Objective: We investigated whether ibuprofen could prevent early decrease in left ventricular contractility that occurs during porcine endotoxemia.
Design: Prospective, randomized, controlled animal study.
Setting: University research laboratory.
Subjects: Adolescent crossbred pigs (n = 28).
Interventions: Anesthetized pigs were instrumented to measure hemodynamics and left ventricular pressures (using a Millar catheter) and volumes (using a conductance catheter). Pigs were then treated in four groups, according to pretreatment using ibuprofen (15 mg/kg) or saline and subsequent treatment using endotoxin (0111:B4, 50 microg/kg) or saline.

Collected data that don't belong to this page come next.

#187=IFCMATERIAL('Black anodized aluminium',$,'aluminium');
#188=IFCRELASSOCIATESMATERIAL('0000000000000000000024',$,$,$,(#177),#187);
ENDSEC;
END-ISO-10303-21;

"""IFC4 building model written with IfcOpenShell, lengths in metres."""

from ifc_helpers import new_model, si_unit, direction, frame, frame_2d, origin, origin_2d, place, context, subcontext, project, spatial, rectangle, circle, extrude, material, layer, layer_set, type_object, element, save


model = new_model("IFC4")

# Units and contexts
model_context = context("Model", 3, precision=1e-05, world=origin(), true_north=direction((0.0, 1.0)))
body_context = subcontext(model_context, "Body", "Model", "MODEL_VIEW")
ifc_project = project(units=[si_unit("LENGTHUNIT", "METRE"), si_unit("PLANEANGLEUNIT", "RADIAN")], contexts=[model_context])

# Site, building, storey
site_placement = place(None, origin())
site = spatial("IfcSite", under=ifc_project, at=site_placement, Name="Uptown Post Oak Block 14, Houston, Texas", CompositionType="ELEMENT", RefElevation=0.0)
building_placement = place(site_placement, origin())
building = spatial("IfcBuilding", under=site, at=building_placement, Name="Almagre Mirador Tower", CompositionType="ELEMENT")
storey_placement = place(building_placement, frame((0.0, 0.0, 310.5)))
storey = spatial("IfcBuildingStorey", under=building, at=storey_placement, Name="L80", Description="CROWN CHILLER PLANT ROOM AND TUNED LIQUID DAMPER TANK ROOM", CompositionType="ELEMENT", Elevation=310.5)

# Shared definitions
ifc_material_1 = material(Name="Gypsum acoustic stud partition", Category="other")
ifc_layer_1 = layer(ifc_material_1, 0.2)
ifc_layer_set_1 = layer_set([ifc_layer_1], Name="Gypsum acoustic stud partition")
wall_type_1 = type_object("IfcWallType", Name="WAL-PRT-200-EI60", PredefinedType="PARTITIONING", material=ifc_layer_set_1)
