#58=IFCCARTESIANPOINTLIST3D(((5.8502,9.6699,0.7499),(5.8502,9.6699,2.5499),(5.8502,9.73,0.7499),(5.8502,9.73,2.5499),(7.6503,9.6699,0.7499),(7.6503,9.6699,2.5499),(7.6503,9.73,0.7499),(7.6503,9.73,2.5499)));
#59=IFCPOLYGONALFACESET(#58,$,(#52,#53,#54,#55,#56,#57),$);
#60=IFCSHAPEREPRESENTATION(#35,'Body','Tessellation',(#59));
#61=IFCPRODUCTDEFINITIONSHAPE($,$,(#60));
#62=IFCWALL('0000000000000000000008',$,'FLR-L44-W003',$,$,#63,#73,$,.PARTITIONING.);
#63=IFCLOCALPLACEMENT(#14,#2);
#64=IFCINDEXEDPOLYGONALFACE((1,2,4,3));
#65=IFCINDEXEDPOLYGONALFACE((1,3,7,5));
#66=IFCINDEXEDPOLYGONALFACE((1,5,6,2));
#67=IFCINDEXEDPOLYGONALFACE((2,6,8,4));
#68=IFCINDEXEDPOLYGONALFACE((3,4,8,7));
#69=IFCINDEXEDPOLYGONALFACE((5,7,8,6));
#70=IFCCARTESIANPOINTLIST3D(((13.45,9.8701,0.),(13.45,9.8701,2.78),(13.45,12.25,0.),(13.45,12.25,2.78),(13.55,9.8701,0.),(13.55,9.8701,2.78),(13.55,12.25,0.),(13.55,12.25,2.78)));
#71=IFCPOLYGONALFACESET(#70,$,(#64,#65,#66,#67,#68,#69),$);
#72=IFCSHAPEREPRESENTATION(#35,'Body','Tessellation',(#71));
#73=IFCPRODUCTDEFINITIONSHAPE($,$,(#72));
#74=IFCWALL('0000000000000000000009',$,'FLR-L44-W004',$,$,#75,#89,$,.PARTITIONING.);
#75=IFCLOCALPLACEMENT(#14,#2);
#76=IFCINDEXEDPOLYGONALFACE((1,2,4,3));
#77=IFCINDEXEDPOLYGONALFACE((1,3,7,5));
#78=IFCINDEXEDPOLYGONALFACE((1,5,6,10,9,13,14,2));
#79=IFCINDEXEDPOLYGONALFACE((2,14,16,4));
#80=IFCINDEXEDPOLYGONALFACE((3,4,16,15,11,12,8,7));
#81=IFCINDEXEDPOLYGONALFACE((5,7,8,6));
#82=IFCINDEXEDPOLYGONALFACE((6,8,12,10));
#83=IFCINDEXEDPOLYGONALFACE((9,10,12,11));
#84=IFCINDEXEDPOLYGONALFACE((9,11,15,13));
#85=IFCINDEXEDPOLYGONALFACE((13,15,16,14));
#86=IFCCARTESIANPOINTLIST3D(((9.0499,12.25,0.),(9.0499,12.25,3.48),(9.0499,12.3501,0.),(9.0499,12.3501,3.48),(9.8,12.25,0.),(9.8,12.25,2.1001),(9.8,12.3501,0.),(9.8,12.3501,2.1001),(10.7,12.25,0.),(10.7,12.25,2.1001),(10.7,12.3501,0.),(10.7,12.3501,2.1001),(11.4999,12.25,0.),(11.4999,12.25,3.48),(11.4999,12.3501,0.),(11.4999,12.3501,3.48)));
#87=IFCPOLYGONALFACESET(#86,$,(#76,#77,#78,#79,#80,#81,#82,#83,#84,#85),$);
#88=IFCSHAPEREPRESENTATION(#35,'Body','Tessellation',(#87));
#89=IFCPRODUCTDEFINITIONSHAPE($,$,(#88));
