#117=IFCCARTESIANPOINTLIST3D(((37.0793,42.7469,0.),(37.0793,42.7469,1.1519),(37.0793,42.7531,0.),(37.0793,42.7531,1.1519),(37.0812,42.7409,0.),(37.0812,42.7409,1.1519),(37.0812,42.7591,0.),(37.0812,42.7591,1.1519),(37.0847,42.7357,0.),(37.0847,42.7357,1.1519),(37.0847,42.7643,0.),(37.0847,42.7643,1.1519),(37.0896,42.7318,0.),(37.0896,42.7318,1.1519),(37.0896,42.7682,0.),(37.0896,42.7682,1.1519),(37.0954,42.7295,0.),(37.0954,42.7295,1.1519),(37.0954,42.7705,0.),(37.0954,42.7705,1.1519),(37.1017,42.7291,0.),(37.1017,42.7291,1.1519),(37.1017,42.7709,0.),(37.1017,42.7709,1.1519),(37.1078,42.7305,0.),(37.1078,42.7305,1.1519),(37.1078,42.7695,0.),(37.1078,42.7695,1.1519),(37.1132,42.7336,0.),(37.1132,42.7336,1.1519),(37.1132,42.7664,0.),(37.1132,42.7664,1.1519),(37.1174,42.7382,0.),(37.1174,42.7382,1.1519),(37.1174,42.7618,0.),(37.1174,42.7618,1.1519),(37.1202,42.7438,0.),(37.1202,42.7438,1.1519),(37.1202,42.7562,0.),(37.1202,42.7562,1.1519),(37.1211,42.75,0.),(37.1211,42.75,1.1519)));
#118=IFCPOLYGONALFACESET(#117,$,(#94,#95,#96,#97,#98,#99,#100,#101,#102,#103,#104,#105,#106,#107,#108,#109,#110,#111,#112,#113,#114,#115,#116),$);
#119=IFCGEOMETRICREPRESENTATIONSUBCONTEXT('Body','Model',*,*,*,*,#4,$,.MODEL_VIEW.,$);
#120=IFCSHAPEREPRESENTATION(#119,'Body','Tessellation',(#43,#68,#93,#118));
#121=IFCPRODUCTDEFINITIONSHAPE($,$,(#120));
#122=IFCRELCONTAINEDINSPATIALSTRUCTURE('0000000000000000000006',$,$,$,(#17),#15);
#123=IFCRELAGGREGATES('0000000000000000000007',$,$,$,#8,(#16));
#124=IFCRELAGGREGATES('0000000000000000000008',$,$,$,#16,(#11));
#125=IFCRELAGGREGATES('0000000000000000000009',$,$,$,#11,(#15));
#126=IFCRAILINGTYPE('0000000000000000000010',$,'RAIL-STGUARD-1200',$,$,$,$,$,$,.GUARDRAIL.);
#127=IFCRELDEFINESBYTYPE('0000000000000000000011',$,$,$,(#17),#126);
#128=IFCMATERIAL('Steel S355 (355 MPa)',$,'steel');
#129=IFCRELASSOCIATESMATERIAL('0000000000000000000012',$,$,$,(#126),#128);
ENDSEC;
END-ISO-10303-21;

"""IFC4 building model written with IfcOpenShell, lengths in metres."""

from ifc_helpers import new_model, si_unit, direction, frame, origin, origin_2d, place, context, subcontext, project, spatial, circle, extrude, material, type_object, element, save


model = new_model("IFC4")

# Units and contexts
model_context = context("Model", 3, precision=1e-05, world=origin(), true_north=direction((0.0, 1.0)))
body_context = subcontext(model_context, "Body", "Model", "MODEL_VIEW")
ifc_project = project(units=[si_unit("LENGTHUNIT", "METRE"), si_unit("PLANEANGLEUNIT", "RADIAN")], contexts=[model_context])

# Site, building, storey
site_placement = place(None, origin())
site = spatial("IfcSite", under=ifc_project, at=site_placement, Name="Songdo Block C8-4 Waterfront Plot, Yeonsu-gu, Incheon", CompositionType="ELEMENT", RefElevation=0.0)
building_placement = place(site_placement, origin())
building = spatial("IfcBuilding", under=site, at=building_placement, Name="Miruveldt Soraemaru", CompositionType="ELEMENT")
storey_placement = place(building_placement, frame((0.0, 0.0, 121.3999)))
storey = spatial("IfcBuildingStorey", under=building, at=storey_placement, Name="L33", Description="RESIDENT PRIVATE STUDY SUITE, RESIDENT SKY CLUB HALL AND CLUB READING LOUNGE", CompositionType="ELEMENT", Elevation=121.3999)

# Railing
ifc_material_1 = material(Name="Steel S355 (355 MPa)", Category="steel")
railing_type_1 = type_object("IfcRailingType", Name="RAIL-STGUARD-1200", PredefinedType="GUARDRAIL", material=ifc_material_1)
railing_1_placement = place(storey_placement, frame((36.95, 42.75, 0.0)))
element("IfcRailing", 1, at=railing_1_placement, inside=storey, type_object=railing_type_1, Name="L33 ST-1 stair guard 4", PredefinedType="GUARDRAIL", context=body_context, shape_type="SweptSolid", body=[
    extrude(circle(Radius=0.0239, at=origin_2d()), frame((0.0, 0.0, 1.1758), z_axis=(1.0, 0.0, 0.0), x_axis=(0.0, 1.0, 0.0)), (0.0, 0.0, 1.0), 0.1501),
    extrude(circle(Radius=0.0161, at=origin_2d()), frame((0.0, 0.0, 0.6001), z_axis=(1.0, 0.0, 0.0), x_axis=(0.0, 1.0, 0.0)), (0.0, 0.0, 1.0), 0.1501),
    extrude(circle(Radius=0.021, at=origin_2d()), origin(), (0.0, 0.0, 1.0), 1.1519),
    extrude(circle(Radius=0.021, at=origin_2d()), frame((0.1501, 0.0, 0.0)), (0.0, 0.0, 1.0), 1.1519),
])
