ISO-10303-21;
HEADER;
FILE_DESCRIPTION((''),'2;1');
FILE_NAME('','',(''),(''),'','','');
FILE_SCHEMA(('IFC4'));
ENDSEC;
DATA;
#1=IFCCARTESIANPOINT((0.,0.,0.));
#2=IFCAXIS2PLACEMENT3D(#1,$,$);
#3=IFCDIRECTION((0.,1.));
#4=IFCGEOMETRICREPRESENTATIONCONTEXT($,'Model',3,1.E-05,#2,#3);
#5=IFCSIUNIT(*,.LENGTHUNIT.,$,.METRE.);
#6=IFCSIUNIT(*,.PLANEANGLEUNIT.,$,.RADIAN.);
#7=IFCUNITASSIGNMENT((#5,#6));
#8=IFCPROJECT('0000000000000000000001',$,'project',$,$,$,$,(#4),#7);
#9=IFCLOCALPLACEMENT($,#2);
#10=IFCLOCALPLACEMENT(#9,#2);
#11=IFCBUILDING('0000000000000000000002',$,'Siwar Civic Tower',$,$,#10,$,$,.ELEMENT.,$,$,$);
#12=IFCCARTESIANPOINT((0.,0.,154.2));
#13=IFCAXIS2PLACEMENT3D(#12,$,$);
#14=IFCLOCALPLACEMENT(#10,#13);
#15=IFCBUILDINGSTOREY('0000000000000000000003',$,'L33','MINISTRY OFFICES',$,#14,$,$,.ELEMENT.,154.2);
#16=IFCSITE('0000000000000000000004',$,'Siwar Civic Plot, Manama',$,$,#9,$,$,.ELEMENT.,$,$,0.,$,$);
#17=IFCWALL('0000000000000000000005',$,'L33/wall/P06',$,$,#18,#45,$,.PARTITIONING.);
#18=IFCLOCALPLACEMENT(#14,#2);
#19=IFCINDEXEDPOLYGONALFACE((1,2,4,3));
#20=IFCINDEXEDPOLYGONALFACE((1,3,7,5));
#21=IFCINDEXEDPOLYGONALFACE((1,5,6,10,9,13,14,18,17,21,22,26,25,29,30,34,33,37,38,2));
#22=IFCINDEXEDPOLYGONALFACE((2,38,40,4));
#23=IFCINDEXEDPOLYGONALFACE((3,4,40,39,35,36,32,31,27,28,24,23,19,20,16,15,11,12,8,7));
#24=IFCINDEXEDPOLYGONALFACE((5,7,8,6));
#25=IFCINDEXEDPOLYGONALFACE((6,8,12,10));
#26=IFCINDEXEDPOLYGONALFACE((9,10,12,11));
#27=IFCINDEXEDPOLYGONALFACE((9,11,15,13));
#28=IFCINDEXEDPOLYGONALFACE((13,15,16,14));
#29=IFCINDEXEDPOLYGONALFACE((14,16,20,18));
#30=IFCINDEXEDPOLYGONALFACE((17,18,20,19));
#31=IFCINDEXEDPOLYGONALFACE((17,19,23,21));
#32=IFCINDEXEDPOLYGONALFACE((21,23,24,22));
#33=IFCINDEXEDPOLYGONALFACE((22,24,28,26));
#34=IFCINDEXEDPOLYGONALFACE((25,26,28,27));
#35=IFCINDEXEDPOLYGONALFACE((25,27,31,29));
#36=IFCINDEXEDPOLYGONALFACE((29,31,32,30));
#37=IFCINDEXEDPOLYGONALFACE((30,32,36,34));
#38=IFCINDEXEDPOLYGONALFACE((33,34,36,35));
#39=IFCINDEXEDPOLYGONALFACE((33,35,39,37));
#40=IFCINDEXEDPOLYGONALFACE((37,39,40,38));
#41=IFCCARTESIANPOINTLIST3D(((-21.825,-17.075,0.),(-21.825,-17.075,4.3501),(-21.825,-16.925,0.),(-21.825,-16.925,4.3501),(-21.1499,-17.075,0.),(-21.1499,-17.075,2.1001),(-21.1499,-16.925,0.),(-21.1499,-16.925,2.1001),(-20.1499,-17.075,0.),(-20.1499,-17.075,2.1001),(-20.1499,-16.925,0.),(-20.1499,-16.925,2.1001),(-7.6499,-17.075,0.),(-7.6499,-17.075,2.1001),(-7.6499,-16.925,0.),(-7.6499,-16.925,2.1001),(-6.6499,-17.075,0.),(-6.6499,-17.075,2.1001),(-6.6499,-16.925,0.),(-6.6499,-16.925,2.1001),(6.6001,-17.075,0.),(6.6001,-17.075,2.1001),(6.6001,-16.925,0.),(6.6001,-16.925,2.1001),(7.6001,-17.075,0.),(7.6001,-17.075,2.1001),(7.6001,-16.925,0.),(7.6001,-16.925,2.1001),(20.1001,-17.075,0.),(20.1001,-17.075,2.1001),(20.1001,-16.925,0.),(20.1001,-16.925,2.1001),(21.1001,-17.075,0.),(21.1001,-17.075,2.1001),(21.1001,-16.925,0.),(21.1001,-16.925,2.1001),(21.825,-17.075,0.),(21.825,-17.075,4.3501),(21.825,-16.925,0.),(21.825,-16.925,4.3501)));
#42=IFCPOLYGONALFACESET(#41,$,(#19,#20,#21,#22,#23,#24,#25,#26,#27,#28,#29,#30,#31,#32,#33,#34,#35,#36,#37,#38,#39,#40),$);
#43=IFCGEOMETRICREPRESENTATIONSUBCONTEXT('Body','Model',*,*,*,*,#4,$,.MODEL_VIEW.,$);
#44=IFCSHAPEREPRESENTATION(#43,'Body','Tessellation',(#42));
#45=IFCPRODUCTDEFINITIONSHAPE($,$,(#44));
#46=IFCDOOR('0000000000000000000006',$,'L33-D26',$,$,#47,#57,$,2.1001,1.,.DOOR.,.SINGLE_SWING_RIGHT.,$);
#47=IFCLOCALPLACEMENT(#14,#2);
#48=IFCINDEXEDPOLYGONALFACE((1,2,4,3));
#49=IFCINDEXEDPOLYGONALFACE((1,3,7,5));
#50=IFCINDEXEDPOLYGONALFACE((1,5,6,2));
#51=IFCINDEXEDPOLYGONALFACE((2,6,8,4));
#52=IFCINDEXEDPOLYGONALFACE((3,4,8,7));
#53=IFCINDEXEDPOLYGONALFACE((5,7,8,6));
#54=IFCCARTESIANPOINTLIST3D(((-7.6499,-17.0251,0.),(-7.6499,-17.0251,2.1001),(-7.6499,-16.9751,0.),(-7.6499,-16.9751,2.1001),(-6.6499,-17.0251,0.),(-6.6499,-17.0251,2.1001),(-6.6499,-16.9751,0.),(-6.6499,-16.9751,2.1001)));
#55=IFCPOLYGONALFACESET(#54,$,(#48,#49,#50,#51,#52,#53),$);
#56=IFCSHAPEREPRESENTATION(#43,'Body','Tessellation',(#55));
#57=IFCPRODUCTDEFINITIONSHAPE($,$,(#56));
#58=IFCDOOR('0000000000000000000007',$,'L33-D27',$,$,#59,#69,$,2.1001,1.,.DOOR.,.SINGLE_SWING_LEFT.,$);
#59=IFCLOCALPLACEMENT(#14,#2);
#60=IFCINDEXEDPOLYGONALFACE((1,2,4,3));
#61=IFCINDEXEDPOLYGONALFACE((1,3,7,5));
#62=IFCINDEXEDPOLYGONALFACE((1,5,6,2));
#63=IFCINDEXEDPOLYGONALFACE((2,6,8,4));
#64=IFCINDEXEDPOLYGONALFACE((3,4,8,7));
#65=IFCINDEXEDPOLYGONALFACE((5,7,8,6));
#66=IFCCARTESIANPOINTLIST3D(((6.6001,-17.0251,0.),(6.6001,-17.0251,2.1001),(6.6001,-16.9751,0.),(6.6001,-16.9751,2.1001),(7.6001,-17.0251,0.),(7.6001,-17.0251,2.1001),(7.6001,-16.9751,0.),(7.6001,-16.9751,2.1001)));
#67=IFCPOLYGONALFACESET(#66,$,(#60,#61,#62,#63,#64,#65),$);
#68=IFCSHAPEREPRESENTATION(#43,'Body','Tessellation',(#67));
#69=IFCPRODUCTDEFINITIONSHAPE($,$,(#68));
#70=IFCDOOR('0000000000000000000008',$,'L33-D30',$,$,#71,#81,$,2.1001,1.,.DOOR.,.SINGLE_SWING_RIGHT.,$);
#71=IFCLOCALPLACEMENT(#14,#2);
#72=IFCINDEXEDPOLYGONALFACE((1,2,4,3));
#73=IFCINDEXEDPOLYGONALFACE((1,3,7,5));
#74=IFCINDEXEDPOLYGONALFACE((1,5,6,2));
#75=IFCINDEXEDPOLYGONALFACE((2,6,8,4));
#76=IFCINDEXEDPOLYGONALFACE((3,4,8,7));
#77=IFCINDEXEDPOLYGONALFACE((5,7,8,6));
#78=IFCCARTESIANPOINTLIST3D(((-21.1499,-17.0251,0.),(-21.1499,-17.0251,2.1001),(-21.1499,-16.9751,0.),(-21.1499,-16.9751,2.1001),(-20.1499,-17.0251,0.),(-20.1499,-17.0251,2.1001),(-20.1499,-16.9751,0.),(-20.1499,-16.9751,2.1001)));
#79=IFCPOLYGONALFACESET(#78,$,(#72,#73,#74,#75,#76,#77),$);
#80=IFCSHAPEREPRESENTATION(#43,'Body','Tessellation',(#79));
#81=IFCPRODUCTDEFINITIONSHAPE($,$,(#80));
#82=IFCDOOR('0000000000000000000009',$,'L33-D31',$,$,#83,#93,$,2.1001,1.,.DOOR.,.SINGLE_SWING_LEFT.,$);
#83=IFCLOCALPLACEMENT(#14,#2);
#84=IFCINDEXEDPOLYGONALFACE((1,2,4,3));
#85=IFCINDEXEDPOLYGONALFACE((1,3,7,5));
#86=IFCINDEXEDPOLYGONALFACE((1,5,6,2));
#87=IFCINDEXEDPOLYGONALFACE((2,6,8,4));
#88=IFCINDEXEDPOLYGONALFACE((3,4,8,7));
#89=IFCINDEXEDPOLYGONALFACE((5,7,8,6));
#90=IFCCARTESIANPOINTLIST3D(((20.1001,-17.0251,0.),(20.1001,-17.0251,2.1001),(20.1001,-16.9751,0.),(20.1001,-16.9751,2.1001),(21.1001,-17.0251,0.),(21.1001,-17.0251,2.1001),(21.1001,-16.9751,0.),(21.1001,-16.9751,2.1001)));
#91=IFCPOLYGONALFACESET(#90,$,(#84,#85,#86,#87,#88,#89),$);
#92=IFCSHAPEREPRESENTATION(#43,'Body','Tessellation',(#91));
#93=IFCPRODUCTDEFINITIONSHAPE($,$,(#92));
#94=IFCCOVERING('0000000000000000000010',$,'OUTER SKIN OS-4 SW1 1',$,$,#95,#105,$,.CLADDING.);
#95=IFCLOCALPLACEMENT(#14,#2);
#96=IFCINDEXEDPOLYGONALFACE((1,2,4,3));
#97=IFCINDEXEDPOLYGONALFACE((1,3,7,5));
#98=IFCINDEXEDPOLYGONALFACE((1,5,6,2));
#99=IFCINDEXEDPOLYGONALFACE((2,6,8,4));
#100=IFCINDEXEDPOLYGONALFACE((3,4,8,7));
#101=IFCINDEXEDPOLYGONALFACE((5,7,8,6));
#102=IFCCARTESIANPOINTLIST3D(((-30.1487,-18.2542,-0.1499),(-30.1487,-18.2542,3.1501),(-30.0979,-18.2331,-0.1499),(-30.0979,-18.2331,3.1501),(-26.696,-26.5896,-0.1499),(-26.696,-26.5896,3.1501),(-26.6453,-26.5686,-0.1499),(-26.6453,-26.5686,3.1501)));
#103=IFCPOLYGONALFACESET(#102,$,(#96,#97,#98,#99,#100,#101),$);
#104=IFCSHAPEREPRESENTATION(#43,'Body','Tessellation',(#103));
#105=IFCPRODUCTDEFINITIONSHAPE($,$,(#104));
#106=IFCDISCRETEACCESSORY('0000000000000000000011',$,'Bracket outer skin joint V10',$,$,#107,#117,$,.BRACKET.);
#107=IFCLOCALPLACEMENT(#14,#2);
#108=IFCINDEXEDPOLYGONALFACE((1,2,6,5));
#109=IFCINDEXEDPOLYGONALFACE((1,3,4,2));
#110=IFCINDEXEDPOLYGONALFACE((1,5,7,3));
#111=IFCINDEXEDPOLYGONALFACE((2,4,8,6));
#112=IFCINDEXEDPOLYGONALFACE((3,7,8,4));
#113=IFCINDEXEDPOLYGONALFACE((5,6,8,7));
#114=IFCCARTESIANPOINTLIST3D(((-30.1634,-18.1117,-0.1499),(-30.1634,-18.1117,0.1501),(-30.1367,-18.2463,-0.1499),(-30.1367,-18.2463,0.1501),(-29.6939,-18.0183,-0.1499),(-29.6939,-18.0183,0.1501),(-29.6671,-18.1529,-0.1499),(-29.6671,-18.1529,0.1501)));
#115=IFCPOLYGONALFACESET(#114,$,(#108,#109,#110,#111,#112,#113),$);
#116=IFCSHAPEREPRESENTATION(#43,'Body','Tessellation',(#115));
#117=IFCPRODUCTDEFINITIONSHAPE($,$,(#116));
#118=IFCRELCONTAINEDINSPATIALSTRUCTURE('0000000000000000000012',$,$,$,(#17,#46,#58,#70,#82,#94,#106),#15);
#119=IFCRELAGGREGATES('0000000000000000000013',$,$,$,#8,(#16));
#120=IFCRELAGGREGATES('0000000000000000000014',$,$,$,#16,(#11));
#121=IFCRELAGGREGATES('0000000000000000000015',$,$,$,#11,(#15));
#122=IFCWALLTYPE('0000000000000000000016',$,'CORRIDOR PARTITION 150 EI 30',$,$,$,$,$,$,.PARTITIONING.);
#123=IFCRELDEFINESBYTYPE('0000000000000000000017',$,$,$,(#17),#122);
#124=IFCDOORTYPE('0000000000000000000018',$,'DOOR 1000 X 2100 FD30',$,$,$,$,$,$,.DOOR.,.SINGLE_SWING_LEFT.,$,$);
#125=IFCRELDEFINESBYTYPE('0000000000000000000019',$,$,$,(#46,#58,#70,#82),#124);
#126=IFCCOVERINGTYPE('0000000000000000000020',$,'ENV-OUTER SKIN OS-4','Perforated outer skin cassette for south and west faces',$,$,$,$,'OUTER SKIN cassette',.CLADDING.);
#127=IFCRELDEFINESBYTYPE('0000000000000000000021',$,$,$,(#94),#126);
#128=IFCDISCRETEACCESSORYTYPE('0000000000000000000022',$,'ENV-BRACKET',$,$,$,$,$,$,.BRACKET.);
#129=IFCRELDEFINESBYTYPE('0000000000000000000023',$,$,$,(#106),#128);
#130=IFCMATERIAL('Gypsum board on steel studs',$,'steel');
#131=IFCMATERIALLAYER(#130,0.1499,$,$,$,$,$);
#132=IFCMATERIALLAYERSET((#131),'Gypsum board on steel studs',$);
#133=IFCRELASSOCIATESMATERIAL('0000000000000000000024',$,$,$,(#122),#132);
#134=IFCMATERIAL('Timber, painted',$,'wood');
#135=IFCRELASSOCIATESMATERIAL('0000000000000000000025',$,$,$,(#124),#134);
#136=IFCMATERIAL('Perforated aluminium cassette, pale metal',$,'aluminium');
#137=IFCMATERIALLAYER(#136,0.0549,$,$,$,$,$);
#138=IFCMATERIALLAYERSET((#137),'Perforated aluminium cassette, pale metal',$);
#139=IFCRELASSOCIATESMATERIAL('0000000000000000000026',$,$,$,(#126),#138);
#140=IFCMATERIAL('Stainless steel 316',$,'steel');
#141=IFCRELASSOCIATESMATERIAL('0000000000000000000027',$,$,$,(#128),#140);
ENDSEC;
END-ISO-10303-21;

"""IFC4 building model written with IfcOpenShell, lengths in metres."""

from ifc_helpers import new_model, si_unit, direction, frame, frame_2d, origin, origin_2d, place, context, subcontext, project, spatial, rectangle, extrude, material, layer, layer_set, type_object, element, fill, save


model = new_model("IFC4")

# Units and contexts
model_context = context("Model", 3, precision=1e-05, world=origin(), true_north=direction((0.0, 1.0)))
body_context = subcontext(model_context, "Body", "Model", "MODEL_VIEW")
ifc_project = project(units=[si_unit("LENGTHUNIT", "METRE"), si_unit("PLANEANGLEUNIT", "RADIAN")], contexts=[model_context])

# Site, building, storey
site_placement = place(None, origin())
site = spatial("IfcSite", under=ifc_project, at=site_placement, Name="Siwar Civic Plot, Manama", CompositionType="ELEMENT", RefElevation=0.0)
building_placement = place(site_placement, origin())
building = spatial("IfcBuilding", under=site, at=building_placement, Name="Siwar Civic Tower", CompositionType="ELEMENT")
storey_placement = place(building_placement, frame((0.0, 0.0, 154.2)))
storey = spatial("IfcBuildingStorey", under=building, at=storey_placement, Name="L33", Description="MINISTRY OFFICES", CompositionType="ELEMENT", Elevation=154.2)

# Shared definitions
ifc_material_1 = material(Name="Gypsum board on steel studs", Category="steel")
ifc_layer_1 = layer(ifc_material_1, 0.1499)
ifc_layer_set_1 = layer_set([ifc_layer_1], Name="Gypsum board on steel studs")
wall_type = type_object("IfcWallType", Name="CORRIDOR PARTITION 150 EI 30", PredefinedType="PARTITIONING", material=ifc_layer_set_1)
ifc_material_2 = material(Name="Timber, painted", Category="wood")
door_type = type_object("IfcDoorType", Name="DOOR 1000 X 2100 FD30", OperationType="SINGLE_SWING_LEFT", PredefinedType="DOOR", material=ifc_material_2)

Measurements and main results: Measurements of hemodynamics and left ventricular pressures and volumes were repeated after pretreatment with ibuprofen (or saline in controls), and at hourly intervals for 4 hrs after the start of endotoxin or control saline infusions. Left ventricular contractility was primarily assessed using the slope of the end-systolic pressure-volume relationship. Data were analyzed, using a repeated-measures analysis of variance. The slope of the end-systolic pressure-volume relationship was decreased at 4 hrs by 41 +/- 9% in the saline/endotoxin group (p < .05) and by 36 +/- 14% in the ibuprofen/endotoxin group (p < .05), so that ibuprofen pretreatment had no significant effect on the decrease in left ventricular contractility. Mean arterial pressure decreased in the saline/endotoxin group by 23 +/- 12% at 1 hr (p < .05) and by 35 +/- 12% (p < .05) at 4 hrs. Ibuprofen significantly reduced the decrease in mean arterial pressure (2 +/- 6% increased at 1 hr, and 17 +/- 12% decreased at 4 hrs, both p<.05 compared with saline/endotoxin). Cardiac output increased by 25% (p < .05) in the first hour, but then decreased to be slightly (NS) below baseline at 4 hrs in both endotoxin groups. Mean pulmonary arterial pressure was increased in the saline/endotoxin group by 154 +/- 52% (p < .05) at 30 mins and by 118 +/- 40% (p < .05) at 4 hrs. Ibuprofen prevented the very acute increase in pulmonary arterial pressure (increased by 11 +/- 33% at 30 mins, p < .05 compared with saline/endotoxin) and significantly reduced the pulmonary hypertension at 4 hrs (increased by 70 +/- 25%, p < .05 compared with both baseline and saline/endotoxin).
Conclusions: We conclude that products of the cyclooxygenase pathway do not play a major role in the early decrease in left ventricular contractility after endotoxin. However, ibuprofen may have a role in reducing the other cardiovascular effects of sepsis.